Israël condamne une loi mémorielle sur la Shoah portée par la droite polonaise

Varsovie veut empêcher l’utilisation de l’expression « camp de la mort polonais », mais les Israéliens craignent une volonté de « réécrire l’histoire ».



Le Monde
 |    28.01.2018 à 19h43
 • Mis à jour le
29.01.2018 à 10h37
    |

            Piotr Smolar (Jérusalem, correspondant)








                        



                                


                            

Tout était réuni pour que la controverse surgisse. Le sujet, le moment, les formulations ambiguës. A la veille du 73e anniversaire de la libération du camp d’extermination d’Auschwitz-Birkenau, les députés polonais ont adopté, vendredi 26 janvier, un texte relevant d’une politique mémorielle nationaliste. Approuvé par la chambre basse du Parlement, ce projet de loi prétend défendre l’Etat et la nation polonaise contre la diffamation, au sujet des crimes nazis commis sur le sol national pendant la seconde guerre mondiale. Il doit encore être examiné au Sénat avant sa signature par le président et son adoption définitive. Mais il a déjà provoqué une crise diplomatique entre la Pologne et Israël, alors même que les relations bilatérales sont étroites entre les deux pays.
Le texte vise à amender la législation sur l’Institut de la mémoire nationale (IPN).
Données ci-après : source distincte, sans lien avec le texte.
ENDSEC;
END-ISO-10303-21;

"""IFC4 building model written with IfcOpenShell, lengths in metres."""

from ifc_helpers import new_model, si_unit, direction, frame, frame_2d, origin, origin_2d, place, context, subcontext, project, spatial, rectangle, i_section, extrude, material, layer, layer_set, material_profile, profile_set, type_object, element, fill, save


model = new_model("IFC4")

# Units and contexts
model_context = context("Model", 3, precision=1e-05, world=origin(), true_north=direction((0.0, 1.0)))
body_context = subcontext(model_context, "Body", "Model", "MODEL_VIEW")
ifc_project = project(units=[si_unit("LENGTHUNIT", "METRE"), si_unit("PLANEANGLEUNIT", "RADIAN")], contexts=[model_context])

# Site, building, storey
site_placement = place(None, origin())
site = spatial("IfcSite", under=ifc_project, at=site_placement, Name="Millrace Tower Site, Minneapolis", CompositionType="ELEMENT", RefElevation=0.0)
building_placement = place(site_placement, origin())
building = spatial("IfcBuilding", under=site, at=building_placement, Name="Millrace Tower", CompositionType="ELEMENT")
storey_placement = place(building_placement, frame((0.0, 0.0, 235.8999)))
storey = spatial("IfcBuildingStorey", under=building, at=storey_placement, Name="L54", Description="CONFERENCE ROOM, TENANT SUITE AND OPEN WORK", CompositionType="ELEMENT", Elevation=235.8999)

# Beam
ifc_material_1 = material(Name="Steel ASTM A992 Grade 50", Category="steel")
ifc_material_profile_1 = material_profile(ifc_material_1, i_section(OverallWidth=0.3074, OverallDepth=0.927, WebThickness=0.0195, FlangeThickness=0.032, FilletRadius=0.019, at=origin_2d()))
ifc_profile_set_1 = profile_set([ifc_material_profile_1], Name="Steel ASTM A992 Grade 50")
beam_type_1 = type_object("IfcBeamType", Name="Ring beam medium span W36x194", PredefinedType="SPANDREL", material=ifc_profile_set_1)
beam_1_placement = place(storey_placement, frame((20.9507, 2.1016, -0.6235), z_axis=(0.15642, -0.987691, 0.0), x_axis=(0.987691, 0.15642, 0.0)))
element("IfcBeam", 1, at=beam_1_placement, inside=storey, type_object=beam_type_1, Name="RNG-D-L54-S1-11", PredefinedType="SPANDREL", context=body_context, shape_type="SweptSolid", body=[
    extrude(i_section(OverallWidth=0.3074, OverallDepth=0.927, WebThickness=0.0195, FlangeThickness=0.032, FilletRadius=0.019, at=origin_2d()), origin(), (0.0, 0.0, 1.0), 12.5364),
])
Il prévoit en particulier une peine de trois ans de prison pour toute personne qui, « publiquement et à l’encontre des faits établis », ferait porter la responsabilité des crimes nazis au peuple ou à l’Etat polonais. Les travaux de recherche et les œuvres artistiques ne seraient pas concernés. L’un des objectifs de ce texte, porté par le parti Droit et Justice (PiS), vise à empêcher l’usage de l’expression « camp de la mort polonais », un raccourci qui exaspère le pays.
Réécriture de l’histoire
Il est factuellement exact que les camps de concentration et d’extermination ont été imaginés et bâtis par le seul régime nazi. Il est aussi vrai qu’il n’y eut pas d’Etat polonais, comme le fut Vichy en France, prêt à collaborer avec l’occupant, responsable de la mort de trois millions de juifs polonais et de trois millions de Polonais. Mais la droite polonaise a des visées plus larges. Elle a entrepris une réécriture de l’histoire dans laquelle le peuple ne peut être que héros ou martyr, au nom d’une vision mythifiée et romantique.
Il s’agit d’une forme de réaction contre le choc...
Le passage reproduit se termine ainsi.